The think tank predicts that welfare reforms will push 600,000 families into poverty
Yesterday David Cameron promised that this parliament would be characterised by ‘an all-out assault on poverty’.
On the same day, the Resolution Foundation published a report which concluded that ‘measures announced at the Summer Budget are expected to significantly increase the number of children (and households) living in poverty’.
This week the Tories have shown themselves to be masters of PR.
They have repeated a series of benevolent-sounding mantras – ‘we are the builders’, ‘finish the fight for real equality’, ‘the party of working people’ – which conceal the glaring omissions or even contradictions beneath.
The Resolution Foundation has looked closely at what Osborne’s plans, announced in the Summer Budget, will mean for the poorest in society. The report is depressing reading. It predicts that:
1. By 2020, at least an extra 300,000 children will be in poverty, rising to 600,000 once all policy measures have taken effect. Two-thirds of this increase will be among children in working households.
2. The new National Living Wage will be ‘more than offset’ by benefit changes, with cuts to working tax credits creating an ‘overnight shock to income’ for many families in 2016. Interestingly, Osborne cited the research of the Resolution Foundation when he made the wage announcement in July.
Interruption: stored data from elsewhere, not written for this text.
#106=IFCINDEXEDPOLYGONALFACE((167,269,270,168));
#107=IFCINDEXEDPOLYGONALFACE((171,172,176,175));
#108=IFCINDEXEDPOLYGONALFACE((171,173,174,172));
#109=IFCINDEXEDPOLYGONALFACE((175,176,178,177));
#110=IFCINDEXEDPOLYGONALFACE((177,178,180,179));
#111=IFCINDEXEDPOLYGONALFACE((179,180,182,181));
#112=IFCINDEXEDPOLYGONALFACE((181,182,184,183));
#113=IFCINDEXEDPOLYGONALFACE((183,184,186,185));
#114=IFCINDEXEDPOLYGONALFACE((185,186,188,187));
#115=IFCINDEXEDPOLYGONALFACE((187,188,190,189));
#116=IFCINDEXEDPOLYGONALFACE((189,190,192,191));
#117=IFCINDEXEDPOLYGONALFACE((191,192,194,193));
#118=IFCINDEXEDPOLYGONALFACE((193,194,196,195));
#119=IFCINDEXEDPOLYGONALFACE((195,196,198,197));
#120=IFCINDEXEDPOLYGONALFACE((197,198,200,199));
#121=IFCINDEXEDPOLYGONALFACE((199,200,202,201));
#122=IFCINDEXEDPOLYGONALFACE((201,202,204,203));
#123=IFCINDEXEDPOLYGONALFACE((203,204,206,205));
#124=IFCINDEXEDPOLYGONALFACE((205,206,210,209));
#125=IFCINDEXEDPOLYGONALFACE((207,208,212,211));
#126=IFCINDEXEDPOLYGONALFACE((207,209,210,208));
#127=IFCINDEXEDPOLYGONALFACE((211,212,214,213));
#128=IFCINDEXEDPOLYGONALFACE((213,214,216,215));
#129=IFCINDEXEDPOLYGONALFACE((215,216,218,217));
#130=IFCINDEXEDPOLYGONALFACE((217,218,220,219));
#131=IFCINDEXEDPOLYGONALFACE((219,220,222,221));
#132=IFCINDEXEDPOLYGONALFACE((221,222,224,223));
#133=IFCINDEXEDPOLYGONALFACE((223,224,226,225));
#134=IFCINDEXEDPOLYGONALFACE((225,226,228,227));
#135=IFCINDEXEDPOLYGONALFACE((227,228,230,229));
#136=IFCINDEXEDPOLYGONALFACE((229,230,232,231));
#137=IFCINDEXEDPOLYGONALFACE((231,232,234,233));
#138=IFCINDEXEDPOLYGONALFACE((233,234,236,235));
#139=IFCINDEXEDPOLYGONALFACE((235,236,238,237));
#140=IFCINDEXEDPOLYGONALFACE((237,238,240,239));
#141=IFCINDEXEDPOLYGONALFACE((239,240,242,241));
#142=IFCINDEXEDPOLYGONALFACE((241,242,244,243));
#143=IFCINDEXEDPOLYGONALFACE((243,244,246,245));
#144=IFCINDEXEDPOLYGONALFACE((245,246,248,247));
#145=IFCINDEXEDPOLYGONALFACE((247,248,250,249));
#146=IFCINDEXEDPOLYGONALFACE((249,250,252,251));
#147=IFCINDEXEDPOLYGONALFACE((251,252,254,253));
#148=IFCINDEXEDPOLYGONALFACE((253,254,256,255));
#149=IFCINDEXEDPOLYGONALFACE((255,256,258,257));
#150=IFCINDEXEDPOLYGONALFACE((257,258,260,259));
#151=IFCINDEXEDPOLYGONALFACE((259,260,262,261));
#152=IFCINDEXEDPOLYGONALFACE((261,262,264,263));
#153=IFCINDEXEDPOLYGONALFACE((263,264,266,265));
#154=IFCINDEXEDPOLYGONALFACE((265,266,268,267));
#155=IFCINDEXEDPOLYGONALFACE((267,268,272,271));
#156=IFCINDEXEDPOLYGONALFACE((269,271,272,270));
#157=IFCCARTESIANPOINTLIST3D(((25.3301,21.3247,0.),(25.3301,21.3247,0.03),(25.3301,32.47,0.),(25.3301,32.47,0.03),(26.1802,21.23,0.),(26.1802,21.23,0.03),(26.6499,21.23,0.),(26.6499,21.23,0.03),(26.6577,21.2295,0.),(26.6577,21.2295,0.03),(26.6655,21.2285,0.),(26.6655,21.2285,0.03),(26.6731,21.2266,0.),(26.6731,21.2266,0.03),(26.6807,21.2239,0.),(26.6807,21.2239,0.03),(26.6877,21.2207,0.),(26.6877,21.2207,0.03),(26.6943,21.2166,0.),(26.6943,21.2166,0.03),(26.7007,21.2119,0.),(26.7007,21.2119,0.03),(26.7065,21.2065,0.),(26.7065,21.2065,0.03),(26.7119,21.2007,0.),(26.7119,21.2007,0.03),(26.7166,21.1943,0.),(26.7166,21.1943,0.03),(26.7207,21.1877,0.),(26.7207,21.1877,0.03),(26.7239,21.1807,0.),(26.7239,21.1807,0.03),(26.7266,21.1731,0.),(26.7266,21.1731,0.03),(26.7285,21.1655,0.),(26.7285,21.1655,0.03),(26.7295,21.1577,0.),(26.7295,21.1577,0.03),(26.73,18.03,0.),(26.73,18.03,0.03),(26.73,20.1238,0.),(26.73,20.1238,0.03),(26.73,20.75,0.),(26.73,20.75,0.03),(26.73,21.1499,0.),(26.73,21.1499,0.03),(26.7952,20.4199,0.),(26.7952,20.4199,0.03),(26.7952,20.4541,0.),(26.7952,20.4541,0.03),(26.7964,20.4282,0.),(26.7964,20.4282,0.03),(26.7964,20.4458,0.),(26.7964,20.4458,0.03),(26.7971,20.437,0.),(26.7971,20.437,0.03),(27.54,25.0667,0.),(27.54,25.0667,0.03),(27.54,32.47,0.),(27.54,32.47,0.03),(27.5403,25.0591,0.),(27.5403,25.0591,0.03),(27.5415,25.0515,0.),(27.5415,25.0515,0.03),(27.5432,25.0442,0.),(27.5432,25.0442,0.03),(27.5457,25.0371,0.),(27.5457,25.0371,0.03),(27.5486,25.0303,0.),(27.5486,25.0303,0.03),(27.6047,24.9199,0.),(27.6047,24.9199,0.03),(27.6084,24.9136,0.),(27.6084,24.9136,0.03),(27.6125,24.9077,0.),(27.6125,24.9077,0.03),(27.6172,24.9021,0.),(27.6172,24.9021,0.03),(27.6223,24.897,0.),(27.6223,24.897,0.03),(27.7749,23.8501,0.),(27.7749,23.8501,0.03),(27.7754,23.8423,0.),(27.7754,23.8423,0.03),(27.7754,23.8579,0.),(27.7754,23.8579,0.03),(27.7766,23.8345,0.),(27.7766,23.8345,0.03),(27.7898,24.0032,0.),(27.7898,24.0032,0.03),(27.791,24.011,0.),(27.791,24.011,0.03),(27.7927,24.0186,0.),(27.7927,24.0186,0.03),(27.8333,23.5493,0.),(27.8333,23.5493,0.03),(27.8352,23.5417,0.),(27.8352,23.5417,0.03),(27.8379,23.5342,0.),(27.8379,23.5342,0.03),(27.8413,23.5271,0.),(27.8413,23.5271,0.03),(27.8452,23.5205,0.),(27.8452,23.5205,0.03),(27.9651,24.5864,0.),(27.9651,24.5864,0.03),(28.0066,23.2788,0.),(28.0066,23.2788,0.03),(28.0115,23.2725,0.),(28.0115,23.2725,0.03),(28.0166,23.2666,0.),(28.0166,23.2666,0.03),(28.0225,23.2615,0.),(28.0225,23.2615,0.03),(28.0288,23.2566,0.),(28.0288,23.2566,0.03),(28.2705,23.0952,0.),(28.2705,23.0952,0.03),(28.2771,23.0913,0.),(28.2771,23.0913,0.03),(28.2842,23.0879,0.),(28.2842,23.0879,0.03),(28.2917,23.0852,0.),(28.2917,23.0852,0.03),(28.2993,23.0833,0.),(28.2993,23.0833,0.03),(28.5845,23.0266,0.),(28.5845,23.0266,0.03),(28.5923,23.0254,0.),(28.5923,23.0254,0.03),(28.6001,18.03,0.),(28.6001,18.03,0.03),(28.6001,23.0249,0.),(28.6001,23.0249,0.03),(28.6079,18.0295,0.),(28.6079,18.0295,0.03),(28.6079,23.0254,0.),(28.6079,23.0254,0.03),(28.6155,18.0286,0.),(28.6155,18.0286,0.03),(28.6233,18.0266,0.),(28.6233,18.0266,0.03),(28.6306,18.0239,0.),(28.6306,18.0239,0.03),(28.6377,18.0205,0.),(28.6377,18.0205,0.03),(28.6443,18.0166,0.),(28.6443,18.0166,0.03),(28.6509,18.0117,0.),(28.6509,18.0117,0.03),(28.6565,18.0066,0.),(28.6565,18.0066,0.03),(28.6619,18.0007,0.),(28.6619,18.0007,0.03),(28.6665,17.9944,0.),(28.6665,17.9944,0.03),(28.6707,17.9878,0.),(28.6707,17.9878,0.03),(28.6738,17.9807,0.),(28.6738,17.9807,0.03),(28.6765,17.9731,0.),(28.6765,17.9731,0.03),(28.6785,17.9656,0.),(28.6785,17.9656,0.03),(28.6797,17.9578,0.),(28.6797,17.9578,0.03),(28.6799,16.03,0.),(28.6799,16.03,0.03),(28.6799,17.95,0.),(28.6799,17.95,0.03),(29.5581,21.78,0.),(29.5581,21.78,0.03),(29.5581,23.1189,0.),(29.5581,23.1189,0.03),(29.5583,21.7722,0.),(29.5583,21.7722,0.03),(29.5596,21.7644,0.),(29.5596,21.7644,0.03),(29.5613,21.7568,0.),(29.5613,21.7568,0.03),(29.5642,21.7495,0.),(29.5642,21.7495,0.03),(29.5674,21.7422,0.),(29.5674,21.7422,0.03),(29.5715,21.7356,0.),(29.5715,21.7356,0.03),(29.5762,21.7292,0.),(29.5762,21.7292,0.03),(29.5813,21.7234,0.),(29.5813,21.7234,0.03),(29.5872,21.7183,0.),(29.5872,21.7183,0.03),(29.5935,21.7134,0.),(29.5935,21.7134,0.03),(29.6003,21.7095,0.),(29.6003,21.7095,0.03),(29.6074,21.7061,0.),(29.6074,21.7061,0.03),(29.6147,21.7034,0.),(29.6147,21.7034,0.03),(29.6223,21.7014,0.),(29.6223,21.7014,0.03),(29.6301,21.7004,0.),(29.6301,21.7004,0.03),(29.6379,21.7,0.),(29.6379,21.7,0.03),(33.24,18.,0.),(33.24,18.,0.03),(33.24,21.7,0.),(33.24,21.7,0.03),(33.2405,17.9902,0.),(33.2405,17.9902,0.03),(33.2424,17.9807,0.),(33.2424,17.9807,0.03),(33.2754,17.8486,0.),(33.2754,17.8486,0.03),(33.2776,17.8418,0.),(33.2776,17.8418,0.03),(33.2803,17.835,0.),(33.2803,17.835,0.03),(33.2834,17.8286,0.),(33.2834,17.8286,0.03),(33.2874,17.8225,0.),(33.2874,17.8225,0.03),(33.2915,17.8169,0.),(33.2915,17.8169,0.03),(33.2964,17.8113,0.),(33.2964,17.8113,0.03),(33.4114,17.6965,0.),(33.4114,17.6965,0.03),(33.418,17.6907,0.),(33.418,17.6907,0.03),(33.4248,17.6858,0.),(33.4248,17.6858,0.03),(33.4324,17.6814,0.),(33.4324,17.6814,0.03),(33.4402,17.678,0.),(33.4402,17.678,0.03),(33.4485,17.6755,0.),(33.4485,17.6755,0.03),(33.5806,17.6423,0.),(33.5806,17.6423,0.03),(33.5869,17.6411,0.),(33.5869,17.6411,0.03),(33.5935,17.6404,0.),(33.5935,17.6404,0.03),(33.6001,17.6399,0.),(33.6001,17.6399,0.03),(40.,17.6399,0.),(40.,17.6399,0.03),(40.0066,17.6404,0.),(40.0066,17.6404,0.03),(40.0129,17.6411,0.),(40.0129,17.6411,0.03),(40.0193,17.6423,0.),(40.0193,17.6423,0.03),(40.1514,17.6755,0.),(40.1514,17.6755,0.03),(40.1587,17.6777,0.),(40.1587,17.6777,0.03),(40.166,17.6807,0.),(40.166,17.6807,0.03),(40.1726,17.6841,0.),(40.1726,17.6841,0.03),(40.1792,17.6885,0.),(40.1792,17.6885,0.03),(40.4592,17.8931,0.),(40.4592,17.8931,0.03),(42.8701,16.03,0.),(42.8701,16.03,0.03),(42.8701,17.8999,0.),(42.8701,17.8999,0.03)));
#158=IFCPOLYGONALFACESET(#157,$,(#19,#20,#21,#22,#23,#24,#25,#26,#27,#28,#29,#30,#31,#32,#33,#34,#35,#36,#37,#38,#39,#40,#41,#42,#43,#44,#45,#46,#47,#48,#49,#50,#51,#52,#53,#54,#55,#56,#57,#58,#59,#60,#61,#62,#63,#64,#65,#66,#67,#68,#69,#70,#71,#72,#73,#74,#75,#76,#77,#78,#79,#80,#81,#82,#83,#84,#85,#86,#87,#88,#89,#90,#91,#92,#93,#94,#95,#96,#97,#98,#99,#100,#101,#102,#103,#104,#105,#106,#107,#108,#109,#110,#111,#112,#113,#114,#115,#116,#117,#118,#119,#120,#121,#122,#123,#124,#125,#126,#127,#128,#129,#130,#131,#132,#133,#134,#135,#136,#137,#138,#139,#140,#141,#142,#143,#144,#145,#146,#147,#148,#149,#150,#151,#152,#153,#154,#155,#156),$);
3. Inequality will increase. The poverty threshold currently stands at 60 per cent of the median income. As earnings rise, median income should also rise, and with it the poverty threshold. But benefit income will stand still, of not fall. This means that the distance of families on benefits to the poverty line will increase.
4. New ways of measuring poverty will obscure the worsening picture. The Welfare Reform and Employment Bill removes the current measure of income poverty from the suite of government metrics, introducing new ‘Life Chances’ measures of the number of children living in workless households, and educational attainment for children by the age of 16.
The Resolution Foundation acknowledges that too narrow a focus on incomes has drawbacks but but ‘removing any focus on incomes makes very little sense’.
This focus on worklessness will do little to improve incomes for the working poor. The problem of worklessness among families with children has actually been diminishing, meaning a new approach is needed.
5. Having a job and being in poverty are increasingly looking like unrelated circumstances. The Resolution Foundation predicts that in-work poverty will rise from 1.6 million in the 2016 baseline to between 2.2 million and 2.3 million in 2020 – accounting for around half of the overall rise in child poverty.